Former Volkswagen head Martin Winterkorn was charged with serious fraud in Germany for his role in the diesel-rigging scandal that rocked the carmaker and cost it about $33 billion.
The former chief executive was accused alongside four other managers of equipping vehicles sold to customers in Europe and the United States with a so-called defeat device, authorities in Braunschweig said Monday in an e-mailed statement. Fraud charges carry a sentence of up to 10 years, and prosecutors also want to seize bonuses paid to the five men, which ranged from about $339,000 for some managers to about $12.43 million for Winterkorn.
Allegations that VW wrongfully withheld information about the emission software used in its diesel cars have loomed over the company since the scandal first broke in 2015. The crisis involved up to 11 million diesel cars worldwide, and shattered the Wolfsburg-based company’s reputation.
Winterkorn’s lawyer Felix Doerr said prosecutors haven’t given him full access to their files. Unless all information is disclosed to him, he said, he can’t comment on the charges.
The 71-year-old former chief executive is also charged with breach of trust because of his failure to swiftly tell authorities about the devices, bringing higher fines for the company.
Winterkorn will join a group of other top executives who have stood trial in Germany if the case proceeds.
Josef Ackermann, when he was chief executive of Deutsche Bank, was tried in 2004 in relation to his role in the Vodafone Group takeover of Mannesmann. The case was settled after an initial acquittal was overturned on appeal. About a decade later, Ackermann was on trial again, this time alongside then co-chief executive Juergen Fitschen over the collapse of the Kirch media company. Both were acquitted. Wendelin Wiedeking, the former Porsche head who was tried for market manipulation over a failed bid to acquire VW, also won his case.
Winterkorn’s fate may soon be shared by former Audi chief executive Rupert Stadler, who is being investigated by Munich prosecutors who kept him in detention for four months.
VW’s US shares rose 1.02 percent, to $17.86.
VW itself settled with Braunschweig prosecutors in June, paying a fine of $1.13 billion. The company can’t comment on the cases of the individuals being charged now, VW spokesman Nicolai Laude said in an e-mail.

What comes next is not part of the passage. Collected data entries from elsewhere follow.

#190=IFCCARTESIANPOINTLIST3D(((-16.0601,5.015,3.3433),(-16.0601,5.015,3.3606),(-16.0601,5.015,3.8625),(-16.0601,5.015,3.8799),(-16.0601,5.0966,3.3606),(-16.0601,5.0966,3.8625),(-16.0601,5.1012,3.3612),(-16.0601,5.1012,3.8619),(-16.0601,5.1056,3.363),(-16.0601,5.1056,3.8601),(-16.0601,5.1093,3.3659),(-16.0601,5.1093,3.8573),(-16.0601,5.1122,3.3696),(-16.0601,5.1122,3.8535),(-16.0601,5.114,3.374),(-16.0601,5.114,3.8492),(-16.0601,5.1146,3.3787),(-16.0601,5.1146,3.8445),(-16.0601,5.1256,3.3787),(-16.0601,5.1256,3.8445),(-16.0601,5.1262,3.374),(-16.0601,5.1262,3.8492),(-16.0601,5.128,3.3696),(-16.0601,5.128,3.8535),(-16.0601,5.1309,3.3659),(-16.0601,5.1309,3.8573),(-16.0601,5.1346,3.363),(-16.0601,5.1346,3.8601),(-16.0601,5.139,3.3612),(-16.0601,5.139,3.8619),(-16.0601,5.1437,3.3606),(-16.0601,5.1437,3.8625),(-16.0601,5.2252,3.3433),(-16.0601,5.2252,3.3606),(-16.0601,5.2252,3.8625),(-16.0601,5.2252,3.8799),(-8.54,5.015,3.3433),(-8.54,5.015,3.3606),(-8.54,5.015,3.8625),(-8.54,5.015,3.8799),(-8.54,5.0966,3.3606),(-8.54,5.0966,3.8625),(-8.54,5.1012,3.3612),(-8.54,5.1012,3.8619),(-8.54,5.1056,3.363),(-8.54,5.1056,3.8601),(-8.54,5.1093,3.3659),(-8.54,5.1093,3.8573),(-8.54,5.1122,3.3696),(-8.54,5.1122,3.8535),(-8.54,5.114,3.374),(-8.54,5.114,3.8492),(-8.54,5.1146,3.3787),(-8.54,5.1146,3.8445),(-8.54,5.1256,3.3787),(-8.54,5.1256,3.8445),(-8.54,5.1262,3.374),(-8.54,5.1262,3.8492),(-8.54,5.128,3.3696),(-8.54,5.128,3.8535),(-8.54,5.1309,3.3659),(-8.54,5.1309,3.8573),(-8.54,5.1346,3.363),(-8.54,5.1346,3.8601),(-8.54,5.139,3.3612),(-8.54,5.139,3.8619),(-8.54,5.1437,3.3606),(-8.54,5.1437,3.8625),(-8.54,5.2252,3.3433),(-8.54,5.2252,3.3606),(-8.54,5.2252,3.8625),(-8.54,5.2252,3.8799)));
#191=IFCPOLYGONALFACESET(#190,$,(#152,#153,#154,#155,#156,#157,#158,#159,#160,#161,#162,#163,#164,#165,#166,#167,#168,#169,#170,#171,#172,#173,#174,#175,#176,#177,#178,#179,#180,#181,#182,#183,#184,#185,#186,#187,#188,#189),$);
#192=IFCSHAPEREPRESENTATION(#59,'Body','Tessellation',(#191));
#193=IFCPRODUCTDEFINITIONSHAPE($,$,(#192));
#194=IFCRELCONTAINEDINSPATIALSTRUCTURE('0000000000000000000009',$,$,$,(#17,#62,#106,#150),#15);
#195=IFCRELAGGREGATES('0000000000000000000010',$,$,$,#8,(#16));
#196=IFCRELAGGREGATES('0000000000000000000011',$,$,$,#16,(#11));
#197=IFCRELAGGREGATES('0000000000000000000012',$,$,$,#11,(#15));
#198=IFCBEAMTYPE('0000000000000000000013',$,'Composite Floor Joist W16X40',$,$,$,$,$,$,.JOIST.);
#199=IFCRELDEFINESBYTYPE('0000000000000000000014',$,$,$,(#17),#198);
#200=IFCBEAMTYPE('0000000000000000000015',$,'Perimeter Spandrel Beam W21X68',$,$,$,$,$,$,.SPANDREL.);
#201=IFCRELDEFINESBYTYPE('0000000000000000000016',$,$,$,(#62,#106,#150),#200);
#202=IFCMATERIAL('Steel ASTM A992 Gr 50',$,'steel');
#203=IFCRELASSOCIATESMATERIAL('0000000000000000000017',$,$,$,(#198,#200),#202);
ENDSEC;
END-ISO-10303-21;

The defeat device was used ‘‘to seemingly meet tightened emission standards for diesel cars and preserve market shares for VW or even increase them for the benefit of the company and the accused themselves,’’ prosecutors said. ‘‘The illicit defeat device was continuously developed and further refined.’’
The five are the first to be charged in Germany over the rigging. Prosecutors didn’t identify the four other executives. Winterkorn and other company leaders were indicted in the United States in 2017.

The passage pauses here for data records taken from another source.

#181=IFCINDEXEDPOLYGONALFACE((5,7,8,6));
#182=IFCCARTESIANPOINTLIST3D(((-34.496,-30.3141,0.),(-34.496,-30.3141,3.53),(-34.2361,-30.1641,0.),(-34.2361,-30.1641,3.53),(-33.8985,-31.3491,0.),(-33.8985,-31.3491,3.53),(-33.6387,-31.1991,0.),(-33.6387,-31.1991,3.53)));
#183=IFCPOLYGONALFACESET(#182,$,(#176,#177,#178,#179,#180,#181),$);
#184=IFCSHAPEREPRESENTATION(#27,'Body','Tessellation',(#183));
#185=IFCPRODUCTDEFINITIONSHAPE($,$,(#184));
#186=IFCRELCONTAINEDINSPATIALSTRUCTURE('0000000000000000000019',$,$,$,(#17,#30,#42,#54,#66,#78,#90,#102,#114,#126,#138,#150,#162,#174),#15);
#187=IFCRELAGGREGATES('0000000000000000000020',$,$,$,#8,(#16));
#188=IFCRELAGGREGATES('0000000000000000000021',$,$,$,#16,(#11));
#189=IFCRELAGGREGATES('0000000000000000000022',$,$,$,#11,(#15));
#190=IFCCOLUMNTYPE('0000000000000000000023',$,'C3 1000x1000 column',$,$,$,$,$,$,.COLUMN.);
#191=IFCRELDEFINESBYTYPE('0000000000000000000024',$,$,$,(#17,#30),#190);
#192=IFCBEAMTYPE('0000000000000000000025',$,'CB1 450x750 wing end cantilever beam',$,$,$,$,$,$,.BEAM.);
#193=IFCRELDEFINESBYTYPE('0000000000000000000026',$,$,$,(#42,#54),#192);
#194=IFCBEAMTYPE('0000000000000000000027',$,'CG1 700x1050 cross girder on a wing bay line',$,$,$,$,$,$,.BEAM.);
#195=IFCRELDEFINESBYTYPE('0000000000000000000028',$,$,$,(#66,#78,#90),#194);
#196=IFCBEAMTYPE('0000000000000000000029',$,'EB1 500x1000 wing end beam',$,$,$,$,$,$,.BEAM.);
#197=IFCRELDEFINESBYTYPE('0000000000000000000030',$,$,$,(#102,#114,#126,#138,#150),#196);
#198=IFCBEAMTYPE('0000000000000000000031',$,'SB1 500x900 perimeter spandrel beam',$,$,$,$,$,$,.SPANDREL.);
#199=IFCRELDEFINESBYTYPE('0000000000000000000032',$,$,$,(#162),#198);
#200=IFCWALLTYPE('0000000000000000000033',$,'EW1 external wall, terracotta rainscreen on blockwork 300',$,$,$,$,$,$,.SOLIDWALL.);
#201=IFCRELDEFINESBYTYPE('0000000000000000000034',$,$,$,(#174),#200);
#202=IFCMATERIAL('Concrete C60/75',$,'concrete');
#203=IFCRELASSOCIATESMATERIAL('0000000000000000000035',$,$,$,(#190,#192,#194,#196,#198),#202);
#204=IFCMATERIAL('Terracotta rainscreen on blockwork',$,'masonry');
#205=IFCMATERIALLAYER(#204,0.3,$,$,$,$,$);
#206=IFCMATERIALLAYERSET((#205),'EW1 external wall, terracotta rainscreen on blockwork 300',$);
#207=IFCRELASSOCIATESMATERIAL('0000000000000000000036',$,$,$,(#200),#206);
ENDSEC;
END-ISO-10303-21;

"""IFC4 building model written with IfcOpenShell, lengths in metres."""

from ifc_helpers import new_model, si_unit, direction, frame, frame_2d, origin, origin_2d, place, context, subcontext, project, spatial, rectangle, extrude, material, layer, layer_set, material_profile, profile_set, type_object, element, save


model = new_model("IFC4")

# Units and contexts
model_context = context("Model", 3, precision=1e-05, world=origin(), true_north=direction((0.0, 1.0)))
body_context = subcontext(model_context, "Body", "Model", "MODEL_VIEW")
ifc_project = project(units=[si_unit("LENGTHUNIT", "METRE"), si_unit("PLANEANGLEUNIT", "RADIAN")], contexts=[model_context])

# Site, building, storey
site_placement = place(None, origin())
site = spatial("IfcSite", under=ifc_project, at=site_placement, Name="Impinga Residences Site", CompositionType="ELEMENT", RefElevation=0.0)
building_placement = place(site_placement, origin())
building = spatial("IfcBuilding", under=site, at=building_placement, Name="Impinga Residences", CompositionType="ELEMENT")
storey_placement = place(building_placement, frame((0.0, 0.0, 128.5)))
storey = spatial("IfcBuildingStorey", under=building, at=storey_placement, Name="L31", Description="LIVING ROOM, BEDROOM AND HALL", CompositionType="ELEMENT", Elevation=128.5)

The Braunschweig Regional Court now has to decide whether the charges will go to trial. The judges will review the 692-page long indictment as well as 75,000 pages of files, according to the statement. The probe against additional 36 suspects continues. While the actions of some of the men dates to 2006, Winterkorn was informed about the scam in May 2014, according to prosecutors. Six months later, he condoned a ‘‘useless’’ update of the vehicles’ computer software to help further veil the scam.